Bu heykeli kendi elleriyle yapmış ve hayatta sevdiği tek varlığın mezarının üstüne yerleştirmişti. Kendi yaptığı heykeli hayatta en çok sevdiği varlığın mezarına koymuştu, çünkü insanın hiç ölmeyen sevgisini, ebediyen süren kederini simgelemesini istiyordu. Ve koca dünyada, bu heykelden başka tunç kalmamıştı.
Kendi yaptığı heykeli aldı, kocaman bir fırına attı ve eritti.
Sonra da, Ebediyen Süren Keder heykelinin tuncundan, Bir An Süren Zevk'in heykelini yaptı.
Oscar Wilde, Bütün Masallar, Bütün Öyküler.

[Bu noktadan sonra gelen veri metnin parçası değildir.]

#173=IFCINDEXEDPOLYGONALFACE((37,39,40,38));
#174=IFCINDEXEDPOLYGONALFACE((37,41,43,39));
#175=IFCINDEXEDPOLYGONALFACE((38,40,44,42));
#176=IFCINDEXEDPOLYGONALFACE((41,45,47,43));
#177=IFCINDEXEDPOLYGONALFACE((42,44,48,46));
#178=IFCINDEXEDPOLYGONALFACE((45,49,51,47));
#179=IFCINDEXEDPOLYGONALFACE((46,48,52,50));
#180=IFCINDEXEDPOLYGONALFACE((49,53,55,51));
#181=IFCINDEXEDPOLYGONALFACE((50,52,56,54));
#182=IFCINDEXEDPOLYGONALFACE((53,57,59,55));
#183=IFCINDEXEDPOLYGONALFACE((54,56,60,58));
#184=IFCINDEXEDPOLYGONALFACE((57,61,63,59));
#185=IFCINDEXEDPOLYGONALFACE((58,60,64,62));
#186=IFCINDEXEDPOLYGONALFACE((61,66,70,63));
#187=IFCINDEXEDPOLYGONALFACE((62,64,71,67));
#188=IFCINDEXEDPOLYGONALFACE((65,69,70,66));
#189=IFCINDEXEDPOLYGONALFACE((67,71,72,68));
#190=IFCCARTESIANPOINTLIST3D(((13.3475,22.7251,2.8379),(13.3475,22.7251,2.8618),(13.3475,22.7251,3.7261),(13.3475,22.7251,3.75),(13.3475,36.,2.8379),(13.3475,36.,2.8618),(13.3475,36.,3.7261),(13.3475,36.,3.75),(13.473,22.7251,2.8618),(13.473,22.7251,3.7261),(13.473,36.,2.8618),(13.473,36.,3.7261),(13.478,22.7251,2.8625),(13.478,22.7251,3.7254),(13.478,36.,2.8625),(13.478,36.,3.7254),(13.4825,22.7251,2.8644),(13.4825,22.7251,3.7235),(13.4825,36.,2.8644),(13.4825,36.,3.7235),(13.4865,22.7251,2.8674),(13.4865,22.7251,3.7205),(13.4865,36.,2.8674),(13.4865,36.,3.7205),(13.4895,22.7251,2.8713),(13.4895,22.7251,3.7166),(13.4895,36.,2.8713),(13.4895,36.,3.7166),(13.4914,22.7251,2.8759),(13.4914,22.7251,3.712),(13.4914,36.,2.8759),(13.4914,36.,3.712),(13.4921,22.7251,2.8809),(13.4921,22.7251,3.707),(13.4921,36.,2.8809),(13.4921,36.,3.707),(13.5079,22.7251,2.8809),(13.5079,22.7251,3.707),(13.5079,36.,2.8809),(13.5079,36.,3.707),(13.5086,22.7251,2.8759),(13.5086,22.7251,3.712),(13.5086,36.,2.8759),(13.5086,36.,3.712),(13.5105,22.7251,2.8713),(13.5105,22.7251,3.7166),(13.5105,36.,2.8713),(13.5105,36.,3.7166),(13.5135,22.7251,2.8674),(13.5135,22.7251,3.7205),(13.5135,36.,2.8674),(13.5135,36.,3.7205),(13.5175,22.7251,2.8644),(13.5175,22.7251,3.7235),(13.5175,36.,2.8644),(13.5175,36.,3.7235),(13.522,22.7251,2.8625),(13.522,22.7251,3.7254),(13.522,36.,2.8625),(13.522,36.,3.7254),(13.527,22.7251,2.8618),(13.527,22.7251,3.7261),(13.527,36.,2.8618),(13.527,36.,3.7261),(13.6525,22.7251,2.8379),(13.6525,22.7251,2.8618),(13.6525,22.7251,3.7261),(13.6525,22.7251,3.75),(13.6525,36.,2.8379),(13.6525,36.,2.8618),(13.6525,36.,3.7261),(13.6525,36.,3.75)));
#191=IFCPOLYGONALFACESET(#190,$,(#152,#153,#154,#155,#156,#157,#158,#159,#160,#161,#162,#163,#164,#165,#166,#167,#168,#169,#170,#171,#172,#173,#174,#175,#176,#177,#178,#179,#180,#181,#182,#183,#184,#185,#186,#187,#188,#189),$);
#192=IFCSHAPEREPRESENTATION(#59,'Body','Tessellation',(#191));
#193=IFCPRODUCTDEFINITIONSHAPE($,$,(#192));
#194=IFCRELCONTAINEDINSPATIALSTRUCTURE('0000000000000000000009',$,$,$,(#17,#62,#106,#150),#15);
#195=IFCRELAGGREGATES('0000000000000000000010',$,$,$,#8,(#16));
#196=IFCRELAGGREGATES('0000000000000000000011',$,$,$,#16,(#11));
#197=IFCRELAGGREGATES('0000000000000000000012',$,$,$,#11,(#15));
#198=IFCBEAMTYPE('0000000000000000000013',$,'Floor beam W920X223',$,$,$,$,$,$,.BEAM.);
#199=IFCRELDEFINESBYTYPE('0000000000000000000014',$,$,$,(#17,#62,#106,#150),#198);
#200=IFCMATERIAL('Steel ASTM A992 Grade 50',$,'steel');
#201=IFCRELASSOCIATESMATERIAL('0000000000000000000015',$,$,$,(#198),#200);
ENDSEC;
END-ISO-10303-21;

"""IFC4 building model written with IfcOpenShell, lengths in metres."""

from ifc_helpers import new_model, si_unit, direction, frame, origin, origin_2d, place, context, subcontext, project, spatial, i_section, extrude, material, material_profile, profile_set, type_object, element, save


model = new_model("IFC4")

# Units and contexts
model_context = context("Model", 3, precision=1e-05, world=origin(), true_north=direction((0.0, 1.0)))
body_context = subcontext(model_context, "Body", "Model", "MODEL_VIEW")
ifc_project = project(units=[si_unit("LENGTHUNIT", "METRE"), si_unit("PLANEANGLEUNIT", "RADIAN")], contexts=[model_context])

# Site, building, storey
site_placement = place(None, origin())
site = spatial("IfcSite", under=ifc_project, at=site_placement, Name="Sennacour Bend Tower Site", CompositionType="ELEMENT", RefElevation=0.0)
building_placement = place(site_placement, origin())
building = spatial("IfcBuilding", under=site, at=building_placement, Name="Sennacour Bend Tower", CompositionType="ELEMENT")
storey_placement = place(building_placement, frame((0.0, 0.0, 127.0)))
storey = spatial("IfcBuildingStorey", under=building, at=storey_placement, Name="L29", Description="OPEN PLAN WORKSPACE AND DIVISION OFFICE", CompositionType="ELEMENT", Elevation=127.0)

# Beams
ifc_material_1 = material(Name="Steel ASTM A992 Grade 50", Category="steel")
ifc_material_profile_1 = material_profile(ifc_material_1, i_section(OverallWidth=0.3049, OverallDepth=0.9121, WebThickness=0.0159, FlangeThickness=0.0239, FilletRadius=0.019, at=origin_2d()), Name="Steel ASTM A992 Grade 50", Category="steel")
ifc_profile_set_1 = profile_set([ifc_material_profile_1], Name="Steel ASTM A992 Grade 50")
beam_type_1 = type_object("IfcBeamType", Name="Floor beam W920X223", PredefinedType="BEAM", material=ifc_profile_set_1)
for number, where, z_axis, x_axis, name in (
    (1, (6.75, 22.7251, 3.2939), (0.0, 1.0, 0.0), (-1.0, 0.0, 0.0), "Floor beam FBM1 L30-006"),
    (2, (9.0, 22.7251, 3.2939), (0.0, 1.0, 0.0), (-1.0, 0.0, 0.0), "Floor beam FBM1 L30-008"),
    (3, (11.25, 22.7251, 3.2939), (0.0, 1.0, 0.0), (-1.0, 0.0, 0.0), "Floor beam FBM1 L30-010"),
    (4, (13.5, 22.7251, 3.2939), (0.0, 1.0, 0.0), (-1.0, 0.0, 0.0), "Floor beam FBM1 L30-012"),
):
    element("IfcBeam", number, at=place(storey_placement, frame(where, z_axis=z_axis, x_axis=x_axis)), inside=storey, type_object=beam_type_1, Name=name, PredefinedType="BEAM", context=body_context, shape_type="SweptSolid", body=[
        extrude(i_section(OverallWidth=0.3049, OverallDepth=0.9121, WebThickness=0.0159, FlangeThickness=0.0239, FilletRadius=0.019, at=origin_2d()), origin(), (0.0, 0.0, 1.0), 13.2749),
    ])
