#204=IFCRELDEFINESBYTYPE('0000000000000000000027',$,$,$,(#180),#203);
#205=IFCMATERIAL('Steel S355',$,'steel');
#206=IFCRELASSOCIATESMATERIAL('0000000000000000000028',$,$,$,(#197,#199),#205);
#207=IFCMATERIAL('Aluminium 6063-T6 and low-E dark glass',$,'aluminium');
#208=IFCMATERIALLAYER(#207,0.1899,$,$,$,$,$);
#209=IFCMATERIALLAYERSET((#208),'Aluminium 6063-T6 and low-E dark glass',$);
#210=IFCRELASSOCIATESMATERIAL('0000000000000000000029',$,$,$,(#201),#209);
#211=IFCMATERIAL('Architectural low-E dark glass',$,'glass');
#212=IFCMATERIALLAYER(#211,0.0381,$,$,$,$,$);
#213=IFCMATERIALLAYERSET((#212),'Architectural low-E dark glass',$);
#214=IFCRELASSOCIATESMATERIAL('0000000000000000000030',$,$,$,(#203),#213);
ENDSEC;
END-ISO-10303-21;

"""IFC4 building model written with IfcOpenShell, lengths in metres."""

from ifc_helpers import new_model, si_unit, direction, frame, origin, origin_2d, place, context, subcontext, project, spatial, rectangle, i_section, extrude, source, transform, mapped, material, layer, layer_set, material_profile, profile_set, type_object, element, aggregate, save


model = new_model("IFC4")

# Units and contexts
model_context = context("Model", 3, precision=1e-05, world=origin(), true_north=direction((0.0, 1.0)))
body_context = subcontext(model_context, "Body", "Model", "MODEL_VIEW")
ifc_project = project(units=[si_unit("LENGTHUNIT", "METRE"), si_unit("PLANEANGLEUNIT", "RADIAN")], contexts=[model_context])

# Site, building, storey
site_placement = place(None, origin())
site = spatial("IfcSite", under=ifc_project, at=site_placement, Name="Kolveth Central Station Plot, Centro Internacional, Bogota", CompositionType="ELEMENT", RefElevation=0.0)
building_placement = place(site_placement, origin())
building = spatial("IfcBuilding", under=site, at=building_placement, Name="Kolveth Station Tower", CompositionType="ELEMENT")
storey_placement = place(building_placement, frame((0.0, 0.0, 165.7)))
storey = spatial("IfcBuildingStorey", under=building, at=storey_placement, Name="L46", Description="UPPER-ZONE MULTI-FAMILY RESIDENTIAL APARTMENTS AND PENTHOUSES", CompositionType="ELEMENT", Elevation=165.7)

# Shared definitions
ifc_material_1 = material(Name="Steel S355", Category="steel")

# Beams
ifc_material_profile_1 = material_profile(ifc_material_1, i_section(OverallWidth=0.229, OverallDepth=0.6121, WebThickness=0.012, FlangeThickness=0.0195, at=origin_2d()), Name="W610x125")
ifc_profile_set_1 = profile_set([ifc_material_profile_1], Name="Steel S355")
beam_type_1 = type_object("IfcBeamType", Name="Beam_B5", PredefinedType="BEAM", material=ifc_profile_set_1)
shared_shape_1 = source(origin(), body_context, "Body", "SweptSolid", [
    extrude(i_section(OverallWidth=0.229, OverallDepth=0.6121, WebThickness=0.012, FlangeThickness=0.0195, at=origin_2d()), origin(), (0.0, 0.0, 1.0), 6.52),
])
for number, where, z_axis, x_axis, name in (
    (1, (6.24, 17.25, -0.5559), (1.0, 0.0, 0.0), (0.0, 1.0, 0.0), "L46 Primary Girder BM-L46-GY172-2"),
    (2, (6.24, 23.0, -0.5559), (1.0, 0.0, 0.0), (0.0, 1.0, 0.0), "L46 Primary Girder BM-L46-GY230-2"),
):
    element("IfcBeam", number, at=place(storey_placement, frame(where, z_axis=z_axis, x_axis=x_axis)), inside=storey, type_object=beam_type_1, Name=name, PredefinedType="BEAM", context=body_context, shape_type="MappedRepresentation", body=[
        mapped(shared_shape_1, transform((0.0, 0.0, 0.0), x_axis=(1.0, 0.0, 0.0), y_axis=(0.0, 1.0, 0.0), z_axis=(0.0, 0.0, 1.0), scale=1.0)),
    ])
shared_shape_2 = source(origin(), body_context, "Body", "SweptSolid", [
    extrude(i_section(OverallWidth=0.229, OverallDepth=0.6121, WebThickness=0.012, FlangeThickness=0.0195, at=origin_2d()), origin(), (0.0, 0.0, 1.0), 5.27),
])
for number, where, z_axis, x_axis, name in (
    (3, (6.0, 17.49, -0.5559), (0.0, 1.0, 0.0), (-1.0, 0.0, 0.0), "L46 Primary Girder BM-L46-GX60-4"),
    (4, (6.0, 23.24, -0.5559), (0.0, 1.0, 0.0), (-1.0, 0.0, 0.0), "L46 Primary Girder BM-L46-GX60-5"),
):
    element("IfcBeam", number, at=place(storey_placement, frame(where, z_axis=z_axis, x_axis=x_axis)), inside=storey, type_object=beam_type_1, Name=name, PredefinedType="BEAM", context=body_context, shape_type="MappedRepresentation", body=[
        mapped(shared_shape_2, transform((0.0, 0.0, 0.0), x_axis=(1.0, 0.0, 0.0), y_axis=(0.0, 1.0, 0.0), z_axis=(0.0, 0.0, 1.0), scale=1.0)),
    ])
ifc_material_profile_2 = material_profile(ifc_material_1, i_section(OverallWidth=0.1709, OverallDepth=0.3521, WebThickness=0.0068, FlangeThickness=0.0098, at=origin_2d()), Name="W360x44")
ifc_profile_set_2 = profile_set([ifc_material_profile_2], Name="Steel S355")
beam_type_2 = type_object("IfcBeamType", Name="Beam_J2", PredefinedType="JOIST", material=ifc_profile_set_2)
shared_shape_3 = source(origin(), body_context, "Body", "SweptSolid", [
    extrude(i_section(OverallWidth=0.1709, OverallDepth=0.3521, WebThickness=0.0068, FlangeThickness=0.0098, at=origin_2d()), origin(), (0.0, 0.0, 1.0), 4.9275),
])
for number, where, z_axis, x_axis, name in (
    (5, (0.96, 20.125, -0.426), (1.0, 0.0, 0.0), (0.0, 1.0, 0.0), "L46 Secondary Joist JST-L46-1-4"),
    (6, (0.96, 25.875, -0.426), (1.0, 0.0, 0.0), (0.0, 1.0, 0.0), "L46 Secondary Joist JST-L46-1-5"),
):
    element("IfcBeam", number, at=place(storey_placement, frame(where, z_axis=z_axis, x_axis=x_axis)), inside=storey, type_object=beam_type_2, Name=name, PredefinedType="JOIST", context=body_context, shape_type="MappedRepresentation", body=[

Tunç ..ne az kullanılır bir maden ve bir kelime..Oysa çetin temiz ve degismezdir..seçilebilir :)
YanıtlaSilSelam Yağlı Boya, sen de mi heykeltıraşsın yoksa? :)
SilYok ben olamam o kadar ama onların ülkesinde doğma büyümeyim..geçerli midir :)
SilGeçerlidir, için rahat olsun. :)
SilHüzünlü ama harika bir alıntı. Ve de düşündürücü...
YanıtlaSilSelam Aze. Sana tamamen katılıyorum. Oscar Wilde çok iyidir bu konularda.
SilSevgiler...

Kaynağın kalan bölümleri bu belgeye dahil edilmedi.